En la tribuna norte del estadio Atanasio Girardot, una vez finalizado el partido entre Atlético Nacional y São Paulo que terminó 0–0, hinchas de ambos equipos protagonizaron un violento enfrentamiento. El cordón de seguridad instalado por la Policía Nacional se rompió, lo que permitió que las barras uniformadas intercambiaran puños y patadas. Decenas de seguidores se vieron involucrados mientras la tensión escalaba rápidamente.

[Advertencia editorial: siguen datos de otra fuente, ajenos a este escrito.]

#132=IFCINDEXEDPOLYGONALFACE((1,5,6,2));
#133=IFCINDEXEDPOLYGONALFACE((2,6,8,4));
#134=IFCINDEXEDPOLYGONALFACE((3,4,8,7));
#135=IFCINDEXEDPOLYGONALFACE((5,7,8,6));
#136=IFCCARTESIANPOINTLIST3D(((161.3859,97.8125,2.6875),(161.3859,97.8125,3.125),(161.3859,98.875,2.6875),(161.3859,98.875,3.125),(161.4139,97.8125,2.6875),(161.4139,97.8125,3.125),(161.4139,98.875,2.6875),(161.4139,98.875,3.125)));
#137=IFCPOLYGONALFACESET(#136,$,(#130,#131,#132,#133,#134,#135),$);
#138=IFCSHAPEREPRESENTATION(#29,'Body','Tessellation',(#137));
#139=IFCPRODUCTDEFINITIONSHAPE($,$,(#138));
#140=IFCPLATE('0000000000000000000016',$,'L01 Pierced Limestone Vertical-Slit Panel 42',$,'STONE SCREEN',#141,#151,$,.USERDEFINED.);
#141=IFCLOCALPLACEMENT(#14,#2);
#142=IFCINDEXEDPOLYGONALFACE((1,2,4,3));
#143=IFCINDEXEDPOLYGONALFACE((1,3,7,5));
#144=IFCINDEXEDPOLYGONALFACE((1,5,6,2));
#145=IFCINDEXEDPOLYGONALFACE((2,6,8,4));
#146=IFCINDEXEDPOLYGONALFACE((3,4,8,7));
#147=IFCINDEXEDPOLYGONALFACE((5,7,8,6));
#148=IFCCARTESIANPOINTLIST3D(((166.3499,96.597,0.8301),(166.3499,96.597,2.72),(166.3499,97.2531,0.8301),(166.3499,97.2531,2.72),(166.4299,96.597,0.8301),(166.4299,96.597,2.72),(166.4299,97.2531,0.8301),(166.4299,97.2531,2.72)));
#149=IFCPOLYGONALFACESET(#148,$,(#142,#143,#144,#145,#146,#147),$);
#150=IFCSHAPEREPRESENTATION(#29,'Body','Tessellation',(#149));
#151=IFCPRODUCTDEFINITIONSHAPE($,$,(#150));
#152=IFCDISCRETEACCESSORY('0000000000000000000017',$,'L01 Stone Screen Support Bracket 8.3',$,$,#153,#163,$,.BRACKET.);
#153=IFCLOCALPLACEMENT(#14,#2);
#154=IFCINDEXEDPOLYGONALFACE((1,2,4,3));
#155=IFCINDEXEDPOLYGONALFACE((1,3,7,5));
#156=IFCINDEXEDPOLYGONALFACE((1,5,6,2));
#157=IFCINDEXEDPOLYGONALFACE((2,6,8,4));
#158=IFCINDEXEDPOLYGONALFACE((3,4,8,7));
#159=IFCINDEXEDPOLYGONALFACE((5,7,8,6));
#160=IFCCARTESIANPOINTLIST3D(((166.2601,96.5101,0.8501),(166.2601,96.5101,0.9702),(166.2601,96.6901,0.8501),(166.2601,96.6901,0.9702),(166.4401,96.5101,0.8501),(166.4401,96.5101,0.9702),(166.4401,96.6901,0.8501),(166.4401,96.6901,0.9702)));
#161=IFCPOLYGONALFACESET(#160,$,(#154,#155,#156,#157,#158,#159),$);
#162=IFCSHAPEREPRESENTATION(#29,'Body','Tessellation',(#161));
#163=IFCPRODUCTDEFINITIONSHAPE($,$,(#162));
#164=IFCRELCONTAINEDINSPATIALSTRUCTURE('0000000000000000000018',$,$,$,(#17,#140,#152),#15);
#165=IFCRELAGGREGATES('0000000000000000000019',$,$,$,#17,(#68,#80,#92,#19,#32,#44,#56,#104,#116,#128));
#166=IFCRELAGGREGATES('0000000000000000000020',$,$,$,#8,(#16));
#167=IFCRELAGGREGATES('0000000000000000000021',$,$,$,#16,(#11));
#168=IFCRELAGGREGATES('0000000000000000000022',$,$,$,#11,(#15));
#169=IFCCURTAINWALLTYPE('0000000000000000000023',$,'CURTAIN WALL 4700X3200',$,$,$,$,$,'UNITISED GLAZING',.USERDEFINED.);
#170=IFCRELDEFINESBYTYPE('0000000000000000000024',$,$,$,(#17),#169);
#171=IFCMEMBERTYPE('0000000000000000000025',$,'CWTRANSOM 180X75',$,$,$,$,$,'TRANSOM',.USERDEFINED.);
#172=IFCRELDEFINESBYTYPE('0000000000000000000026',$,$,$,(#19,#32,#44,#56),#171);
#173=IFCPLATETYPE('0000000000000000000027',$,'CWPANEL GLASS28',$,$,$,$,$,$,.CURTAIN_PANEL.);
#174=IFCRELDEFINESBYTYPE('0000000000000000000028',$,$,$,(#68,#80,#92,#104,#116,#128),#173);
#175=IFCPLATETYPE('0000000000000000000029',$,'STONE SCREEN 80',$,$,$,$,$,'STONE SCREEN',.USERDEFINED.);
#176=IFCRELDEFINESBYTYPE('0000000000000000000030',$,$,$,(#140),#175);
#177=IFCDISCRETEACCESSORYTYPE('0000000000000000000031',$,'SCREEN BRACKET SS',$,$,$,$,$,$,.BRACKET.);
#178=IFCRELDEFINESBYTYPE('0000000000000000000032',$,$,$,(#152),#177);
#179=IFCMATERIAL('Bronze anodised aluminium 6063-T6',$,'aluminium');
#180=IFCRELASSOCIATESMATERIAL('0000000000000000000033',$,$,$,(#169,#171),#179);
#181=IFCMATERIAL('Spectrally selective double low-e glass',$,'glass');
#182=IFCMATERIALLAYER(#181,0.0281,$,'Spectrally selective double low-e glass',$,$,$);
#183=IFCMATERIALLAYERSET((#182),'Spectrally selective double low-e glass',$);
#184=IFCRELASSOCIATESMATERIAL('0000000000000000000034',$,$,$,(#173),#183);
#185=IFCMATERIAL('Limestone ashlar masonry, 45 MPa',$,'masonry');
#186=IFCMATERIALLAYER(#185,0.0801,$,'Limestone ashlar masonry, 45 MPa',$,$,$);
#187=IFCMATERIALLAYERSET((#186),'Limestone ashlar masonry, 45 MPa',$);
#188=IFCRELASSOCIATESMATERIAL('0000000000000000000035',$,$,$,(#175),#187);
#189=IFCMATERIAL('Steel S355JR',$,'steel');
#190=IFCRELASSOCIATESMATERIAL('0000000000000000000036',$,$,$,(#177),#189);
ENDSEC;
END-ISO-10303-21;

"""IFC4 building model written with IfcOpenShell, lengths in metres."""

Debido a la gravedad del hecho, se registraron detenciones y varios fanáticos resultaron heridos, aunque sin reporte de situaciones de vida o muerte. La policía antidisturbios debió intervenir para contener la situación.
El encuentro deportivo no fue ajeno a la intensidad: La derrota deportiva se mezcló con los animos cuando Edwin Cardona falló dos penaltis, y los remates de Marlos Moreno e Hinestroza golpearon dos veces el poste. Los ánimos de los hinchas ya estaban cargados durante el juego, con provocaciones verbales entre ambas parcialidades, que posteriormente terminaron en el choque físico que empañó la jornada.
Aunque ninguno de los clubes se ha pronunciado oficialmente, el suceso quedó en manos de las autoridades y bajo la lupa de CONMEBOL, que podría aplicar sanciones a Nacional como responsable de la seguridad en su estadio. La serie ahora se define el próximo martes 19 de agosto en Morumbí, pero la violencia vivida en las gradas pone en jaque el llamado fair play y exige respuestas urgentes desde lo institucional.